Donc si les pétitions électorales du PTr et des autres partis dont celles de Navin Ramgoolam sont rejetées par la justice, Navin Ramgoolam partira ?
On est tous d’accord que personne n’est indispensable. Le PTr n’est pas un trust familial. Le PTr a une histoire glorieuse. Et j’ai dit à Navin Ramgoolam, le plus important c’est ce que nous quitterons derrière nous. Il ne faudrait pas qu’après nous, ce soit le déluge. Vous savez, j’accorde le bénéfice du doute à Navin Ramgoolam car il m’a dit que s’il n’y avait pas autant de doutes fondés sur le déroulement du dernier scrutin, il serait déjà parti.
You’re allowing him to live to fight his ultimate battle ?
Oui. Une bataille qui est juste et dans laquelle nous tous au PTr croyons. Le Commissaire électoral a reconnu qu’il y a eu des irrégularités. J’espère, et je le dis avec tout le respect pour le judiciaire, que nos juges auront le courage de trancher selon les droits de notre bien-aimée République.
S’il perd cette bataille, pour citer Varma, le rideau tombera et vous demanderez à Navin Ramgoolam de quitter la scène ?
Ah ! Je n’aurais pas à lui demander de «leave the stage». Cela coule de source.
Vous le croyez et vous lui faites confiance ?
Ecoutez, jusqu’à l’heure, j’ai toujours connu Navin Ramgoolam comme un homme qui honore ses obligations. Quand j’ai des reproches à lui faire, je peux les lui faire. S’il faut le critiquer ici, je peux le faire. Mais Ramgoolam tient parole et il tiendra parole. Nous allons tous tenir parole et assurer la transition.
Vous dites dans une interview dans le journal week-end en début d’année que vous serez candidat au leadership du PTr. Et l’élément castéïste alors ?

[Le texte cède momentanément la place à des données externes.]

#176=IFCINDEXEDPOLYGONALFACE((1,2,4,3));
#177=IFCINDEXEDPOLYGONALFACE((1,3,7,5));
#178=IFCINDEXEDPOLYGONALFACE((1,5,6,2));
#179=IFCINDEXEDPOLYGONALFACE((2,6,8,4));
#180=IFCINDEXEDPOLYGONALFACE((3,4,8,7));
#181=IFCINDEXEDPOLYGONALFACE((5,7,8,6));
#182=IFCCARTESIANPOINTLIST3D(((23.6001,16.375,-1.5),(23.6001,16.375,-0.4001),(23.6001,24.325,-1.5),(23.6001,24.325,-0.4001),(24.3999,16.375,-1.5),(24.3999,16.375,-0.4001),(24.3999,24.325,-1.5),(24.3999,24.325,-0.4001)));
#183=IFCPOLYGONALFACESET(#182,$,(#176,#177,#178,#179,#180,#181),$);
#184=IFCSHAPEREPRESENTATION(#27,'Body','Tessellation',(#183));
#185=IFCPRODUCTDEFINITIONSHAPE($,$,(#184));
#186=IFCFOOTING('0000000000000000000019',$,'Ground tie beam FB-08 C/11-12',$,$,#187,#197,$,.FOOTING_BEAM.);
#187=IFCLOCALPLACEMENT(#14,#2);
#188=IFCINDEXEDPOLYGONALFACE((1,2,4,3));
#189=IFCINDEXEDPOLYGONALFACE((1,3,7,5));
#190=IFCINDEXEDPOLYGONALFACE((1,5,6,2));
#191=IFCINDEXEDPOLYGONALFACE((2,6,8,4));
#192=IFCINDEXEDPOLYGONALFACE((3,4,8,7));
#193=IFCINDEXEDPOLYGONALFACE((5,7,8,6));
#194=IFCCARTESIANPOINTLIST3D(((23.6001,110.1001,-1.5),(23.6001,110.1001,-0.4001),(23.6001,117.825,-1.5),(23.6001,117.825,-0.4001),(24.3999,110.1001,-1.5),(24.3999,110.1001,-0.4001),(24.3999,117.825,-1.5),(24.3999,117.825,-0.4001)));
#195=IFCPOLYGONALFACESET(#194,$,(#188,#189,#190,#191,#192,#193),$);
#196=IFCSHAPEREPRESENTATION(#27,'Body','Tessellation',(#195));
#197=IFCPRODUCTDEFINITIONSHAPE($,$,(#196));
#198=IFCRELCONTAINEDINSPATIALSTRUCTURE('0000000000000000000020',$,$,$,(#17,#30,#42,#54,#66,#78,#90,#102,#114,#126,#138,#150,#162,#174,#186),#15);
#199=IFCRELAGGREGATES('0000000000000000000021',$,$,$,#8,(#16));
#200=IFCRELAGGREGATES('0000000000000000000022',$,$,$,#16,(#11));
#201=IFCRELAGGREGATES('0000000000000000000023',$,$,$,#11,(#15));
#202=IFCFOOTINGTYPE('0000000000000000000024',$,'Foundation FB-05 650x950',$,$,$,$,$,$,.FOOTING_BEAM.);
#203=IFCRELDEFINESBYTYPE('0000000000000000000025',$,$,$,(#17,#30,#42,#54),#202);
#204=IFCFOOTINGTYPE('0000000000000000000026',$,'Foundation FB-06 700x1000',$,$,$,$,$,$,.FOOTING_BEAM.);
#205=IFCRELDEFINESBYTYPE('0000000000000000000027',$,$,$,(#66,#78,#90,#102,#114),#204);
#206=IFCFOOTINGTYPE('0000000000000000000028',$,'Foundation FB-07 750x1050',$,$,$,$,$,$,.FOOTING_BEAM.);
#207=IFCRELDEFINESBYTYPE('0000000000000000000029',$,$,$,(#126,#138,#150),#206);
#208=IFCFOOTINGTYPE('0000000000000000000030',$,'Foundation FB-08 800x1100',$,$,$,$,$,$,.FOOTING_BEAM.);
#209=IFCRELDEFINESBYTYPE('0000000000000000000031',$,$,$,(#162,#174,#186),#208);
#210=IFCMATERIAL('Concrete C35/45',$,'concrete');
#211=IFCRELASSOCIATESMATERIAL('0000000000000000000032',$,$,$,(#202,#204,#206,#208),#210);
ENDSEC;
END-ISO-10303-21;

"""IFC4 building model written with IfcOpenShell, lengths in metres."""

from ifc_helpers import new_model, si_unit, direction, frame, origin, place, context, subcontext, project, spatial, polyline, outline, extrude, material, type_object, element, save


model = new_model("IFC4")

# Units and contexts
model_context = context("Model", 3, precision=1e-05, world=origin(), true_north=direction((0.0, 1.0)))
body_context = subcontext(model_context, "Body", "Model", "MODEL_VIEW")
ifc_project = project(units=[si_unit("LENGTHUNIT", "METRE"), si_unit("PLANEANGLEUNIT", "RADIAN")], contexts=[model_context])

Je pense que notre nation a mûri, même si je vous ai parlé de repli il y a un instant.
Oui c’est paradoxal…
Ce repli s’est produit dans une conjoncture que je vous ai longuement expliquée. Au-delà des changements démographiques, je pense que l’électorat a muri. 2019 a été une très mauvaise exception dans le processus de maturité de notre peuple. Le petit nombre qui voudra reproduire ce repli identitaire ou sectaire ne réussira pas la prochaine fois. Car les mauriciens, dans leur immense majorité ne souhaitent qu’une chose : le vivre-ensemble. Maurice est prête pour accueillir un rassembleur, un fédérateur. Il peut s’agir de n’importe qui venant de n’importe où.
Quel héritage de sir Satcam Boolell vous est plus utile aujourd’hui dans ce contexte politique, économique et social ?
Deux valeurs qu’il nous a inculquées : la tolérance et la réconciliation.